カント『法論』#3(道徳の形而上学への序論#1)

道徳の形而上学への序論

道徳の形而上学への序論
 1.人間の心の能力と道徳法則の関係について
 2.道徳の形而上学の理念と必然性について
 3.道徳の形而上学の区分について
 4.道徳の形而上学への予備概念

以下の「道徳の形而上学への序論」の第1節と第2節は、順番が本来は逆ではないかという指摘がある(cf. Bernd Ludwig)。実際、第2節とされている方から読んだほうが、読みやすいと思われる。  

1. 人間の心の能力と道徳法則の関係について

 【211】欲求能力は、自らの表象を通じて、この表象の対象の原因となる能力である。自らの表象に応じて行為する存在者の能力は、生と呼ばれる。

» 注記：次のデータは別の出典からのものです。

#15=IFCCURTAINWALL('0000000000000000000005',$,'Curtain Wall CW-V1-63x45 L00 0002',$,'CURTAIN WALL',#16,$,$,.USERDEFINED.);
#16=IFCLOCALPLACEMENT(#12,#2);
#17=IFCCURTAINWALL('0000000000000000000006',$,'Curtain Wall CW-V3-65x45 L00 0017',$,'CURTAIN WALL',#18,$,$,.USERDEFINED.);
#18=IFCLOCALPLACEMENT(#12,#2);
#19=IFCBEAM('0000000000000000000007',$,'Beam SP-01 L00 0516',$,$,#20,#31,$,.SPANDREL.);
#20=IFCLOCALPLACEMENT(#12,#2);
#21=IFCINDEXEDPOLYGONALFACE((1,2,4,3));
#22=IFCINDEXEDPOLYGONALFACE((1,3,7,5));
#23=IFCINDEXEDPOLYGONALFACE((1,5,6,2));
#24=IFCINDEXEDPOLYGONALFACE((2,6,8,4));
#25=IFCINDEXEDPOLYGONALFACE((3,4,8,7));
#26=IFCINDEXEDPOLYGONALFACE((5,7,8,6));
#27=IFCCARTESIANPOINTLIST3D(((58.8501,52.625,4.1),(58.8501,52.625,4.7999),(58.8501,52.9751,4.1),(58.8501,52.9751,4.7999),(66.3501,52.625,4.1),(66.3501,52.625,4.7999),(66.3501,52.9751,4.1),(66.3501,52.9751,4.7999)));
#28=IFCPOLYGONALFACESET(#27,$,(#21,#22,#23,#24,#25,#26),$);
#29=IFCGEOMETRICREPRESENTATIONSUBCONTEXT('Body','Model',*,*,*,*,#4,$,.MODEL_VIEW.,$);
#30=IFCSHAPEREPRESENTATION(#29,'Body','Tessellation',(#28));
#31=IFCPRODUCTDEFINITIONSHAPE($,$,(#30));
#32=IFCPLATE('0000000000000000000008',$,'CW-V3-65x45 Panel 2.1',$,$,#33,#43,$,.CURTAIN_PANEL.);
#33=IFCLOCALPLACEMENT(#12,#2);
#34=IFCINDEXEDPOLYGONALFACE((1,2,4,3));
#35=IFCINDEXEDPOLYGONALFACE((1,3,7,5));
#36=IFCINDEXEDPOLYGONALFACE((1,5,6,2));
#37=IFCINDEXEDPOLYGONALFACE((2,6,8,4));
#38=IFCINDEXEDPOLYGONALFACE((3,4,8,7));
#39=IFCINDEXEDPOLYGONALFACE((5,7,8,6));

 欲求・嫌悪と結びついているのは、第一に常に快・不快であるが、必ずしもその逆が成り立つとは限らない。快・不快を受容するものは感情と呼ばれる。実際、対象を欲求することとは結びつかない快もあり、何らかの対象を単に表象することと結びついている快もある(この場合、表象の客体が存在するかどうかには関わりがない)。また第二に、欲求の対象についての快・不快は必ずしも欲求に先立つわけではなく、したがって、必ずしも欲求の対象の原因としてみなさなければいけないわけではなく、むしろその帰結としてみなすことができる場合もある。

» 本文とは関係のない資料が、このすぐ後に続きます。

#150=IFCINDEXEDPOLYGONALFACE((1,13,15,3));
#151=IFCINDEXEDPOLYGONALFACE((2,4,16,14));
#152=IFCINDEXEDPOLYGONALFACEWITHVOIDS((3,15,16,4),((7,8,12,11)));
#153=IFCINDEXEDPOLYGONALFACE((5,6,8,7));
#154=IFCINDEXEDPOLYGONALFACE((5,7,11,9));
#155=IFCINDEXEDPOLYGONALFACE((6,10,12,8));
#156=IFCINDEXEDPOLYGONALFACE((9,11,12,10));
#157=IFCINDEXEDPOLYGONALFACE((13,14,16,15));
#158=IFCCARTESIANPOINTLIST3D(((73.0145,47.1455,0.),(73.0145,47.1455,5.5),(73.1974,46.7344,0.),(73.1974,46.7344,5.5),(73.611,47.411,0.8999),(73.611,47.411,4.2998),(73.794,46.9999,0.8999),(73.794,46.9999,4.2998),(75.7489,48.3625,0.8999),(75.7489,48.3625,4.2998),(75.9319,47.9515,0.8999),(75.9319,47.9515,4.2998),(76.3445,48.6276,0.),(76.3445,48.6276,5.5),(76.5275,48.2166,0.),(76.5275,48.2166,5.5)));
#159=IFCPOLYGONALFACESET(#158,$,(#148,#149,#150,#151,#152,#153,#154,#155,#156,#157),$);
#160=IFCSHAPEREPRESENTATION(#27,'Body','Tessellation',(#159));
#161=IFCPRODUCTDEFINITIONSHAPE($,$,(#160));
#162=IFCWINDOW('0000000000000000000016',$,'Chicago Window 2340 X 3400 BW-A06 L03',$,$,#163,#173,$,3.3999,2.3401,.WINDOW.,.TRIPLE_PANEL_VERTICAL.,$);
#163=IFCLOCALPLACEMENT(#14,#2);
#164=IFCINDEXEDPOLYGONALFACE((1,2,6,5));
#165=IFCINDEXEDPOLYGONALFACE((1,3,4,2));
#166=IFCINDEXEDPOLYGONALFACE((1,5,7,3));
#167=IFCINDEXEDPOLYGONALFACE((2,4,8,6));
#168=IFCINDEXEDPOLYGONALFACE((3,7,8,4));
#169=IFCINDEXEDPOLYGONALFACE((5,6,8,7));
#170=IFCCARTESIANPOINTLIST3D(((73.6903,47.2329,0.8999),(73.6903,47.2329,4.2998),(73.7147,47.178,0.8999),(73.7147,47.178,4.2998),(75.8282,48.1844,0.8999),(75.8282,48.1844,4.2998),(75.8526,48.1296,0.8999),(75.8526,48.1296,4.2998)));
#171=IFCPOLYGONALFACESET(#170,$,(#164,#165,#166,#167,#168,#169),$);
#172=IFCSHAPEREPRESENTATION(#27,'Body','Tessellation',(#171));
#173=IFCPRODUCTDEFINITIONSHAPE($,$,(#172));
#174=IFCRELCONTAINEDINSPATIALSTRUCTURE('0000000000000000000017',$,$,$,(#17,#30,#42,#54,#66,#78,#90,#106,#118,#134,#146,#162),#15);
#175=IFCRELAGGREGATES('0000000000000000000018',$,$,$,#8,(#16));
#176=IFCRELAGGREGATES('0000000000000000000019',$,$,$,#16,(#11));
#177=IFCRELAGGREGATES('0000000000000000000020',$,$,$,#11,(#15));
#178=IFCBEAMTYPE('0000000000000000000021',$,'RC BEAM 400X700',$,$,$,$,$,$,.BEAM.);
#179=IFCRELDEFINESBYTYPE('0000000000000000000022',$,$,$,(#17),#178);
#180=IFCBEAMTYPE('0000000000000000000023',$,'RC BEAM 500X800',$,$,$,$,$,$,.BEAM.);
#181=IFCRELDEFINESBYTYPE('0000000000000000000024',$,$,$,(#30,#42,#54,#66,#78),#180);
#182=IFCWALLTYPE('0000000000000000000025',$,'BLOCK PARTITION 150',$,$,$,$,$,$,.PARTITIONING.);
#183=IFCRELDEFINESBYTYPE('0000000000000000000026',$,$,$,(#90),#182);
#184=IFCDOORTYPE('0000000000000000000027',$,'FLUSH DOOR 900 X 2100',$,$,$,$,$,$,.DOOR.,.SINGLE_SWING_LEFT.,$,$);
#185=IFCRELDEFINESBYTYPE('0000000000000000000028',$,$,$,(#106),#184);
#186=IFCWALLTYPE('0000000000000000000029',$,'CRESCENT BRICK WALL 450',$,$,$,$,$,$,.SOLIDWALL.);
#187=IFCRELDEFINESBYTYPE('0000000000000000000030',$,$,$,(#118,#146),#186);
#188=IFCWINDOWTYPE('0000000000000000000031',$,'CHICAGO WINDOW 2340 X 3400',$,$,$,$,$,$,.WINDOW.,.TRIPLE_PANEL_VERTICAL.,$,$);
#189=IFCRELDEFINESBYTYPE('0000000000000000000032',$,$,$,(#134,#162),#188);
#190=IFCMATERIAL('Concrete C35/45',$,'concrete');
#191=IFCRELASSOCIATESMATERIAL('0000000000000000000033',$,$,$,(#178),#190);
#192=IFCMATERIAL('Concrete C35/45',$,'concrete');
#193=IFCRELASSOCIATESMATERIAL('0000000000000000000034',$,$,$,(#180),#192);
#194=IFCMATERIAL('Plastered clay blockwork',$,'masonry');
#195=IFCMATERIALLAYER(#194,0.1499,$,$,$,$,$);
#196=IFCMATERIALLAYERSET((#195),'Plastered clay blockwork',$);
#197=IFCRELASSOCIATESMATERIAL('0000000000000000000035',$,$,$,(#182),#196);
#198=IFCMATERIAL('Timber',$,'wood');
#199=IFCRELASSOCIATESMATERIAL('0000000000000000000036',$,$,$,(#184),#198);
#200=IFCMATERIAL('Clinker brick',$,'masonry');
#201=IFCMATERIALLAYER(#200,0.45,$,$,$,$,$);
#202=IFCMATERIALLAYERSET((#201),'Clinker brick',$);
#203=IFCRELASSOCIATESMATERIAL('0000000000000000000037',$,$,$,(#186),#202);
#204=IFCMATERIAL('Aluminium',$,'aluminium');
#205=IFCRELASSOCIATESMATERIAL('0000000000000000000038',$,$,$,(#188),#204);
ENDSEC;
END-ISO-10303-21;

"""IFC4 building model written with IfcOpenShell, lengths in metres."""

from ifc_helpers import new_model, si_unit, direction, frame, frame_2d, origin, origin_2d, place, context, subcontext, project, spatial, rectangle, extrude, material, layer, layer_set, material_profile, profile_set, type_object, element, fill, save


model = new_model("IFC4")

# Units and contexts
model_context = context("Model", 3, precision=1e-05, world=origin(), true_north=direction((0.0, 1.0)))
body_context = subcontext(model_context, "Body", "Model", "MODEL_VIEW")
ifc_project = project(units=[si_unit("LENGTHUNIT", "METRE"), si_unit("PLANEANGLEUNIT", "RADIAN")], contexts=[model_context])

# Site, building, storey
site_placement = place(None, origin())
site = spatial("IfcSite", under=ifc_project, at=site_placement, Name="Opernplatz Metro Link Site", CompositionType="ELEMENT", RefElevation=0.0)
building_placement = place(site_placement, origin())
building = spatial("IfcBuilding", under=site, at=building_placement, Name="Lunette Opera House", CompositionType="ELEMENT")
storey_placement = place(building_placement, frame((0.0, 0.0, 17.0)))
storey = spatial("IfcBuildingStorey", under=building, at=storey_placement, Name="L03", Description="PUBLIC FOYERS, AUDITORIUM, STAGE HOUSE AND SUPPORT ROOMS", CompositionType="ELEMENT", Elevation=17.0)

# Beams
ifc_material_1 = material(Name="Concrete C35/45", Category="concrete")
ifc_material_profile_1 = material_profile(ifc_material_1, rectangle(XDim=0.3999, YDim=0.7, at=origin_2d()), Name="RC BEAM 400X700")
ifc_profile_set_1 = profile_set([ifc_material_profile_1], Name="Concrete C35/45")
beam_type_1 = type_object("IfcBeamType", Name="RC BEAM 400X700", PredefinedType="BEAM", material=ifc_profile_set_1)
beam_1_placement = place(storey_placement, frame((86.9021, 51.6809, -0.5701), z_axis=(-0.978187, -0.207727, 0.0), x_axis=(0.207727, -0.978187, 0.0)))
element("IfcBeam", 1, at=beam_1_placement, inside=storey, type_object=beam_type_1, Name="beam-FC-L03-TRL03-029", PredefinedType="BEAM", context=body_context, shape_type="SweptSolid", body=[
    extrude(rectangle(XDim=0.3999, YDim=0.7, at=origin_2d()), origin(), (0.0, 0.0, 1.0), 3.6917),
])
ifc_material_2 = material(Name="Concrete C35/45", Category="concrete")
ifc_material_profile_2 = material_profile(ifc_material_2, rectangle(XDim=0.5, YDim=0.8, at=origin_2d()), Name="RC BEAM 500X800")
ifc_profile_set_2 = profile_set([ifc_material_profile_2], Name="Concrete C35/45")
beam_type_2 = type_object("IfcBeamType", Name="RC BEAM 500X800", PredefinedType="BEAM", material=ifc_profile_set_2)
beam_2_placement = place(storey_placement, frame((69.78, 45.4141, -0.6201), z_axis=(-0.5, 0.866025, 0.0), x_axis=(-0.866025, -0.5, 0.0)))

 ところで、何らかの表象において快・不快を感じる能力が感情と呼ばれているのは、快・不快が我々の表象との関係において単に主観的なものを含むだけであり、可能な客体の認識における客体との関係を全く含んでいないからである(我々の状態の認識*1における客体の関係さえ含まない)。【212】というのも、そうでなければ、諸感覚自体が、主体の性状によって諸感覚に付随する質(例えば「赤い」や「甘い」)の他に、なお認識の構成要素として客体に関わるということになるだろうが、(赤いや甘いといった感覚における)快・不快は客体についてまったく何も表さず、ただ主体に対する関係だけを表すだけである。快・不快そのものをこれ以上説明することは今述べた理由から不可能であり、快・不快という言葉を使用する際にそれらを識別可能にするために、ある状況で快・不快がどのように帰結するのかということしか述べることはできない。
(それを表象すれば感情が触発されるような対象の)欲求と必然的に結びついている快は、実践的快と呼ばれる。それは欲求の原因か、あるいは帰結かのいずれかである。これに対して、対象の欲求と必然的に結びついているわけではない快、したがって根本的には表象の客体を存在させたいという欲求ではなく、むしろただ表象にのみ附帯するような快は、単に思弁的快あるいは非活動的満足と呼べるだろう。後者の種類の快の感情は趣味と呼ばれる。これについて実践哲学では、固有の概念としてではなく、常にただ挿話として扱われる。これに対して、実践的快について言えば、快が原因として必然的に先行して欲求能力が規定される場合、この欲求能力を規定するものが欲望、また習慣的な欲望は傾向性と呼ばれる。さらに、欲求能力と快が結びつき、この結びつきが(常に主体に対してだけではあるが)普遍的な規則として妥当すると悟性が判断する場合、この結びつきは関心と呼ばれる。それゆえ、この場合、実践的快は傾向性の関心になることになる。それに対して、欲求能力が先に規定されてはじめて快が訪れるという場合、この快は知性的快、この快の対象への関心は理性の関心と呼ばれねばならないだろう。というのも、もし関心が感性的であり、純粋な理性原理にだけ基づいているわけではないなら、【213】感覚こそが快と結び付いているに違いなく、感覚が欲求能力をそのように規定することになるからである。ただ純粋な理性の関心を想定せねばならず、それに対してはいかなる傾向性の関心もあてがうことができないとしても、我々は、語法の都合上、知性的快の対象でしかありえないものに対する傾向性を、純粋な理性の関心から生じた習慣的な欲求として認めることができるだろう。これを認めた上で、にもかかわらず、この知性的快は純粋な理性の関心の原因ではなく帰結であり、感性を欠いた傾向性(知性的傾向性propensio intellectualis)と呼ばれうる。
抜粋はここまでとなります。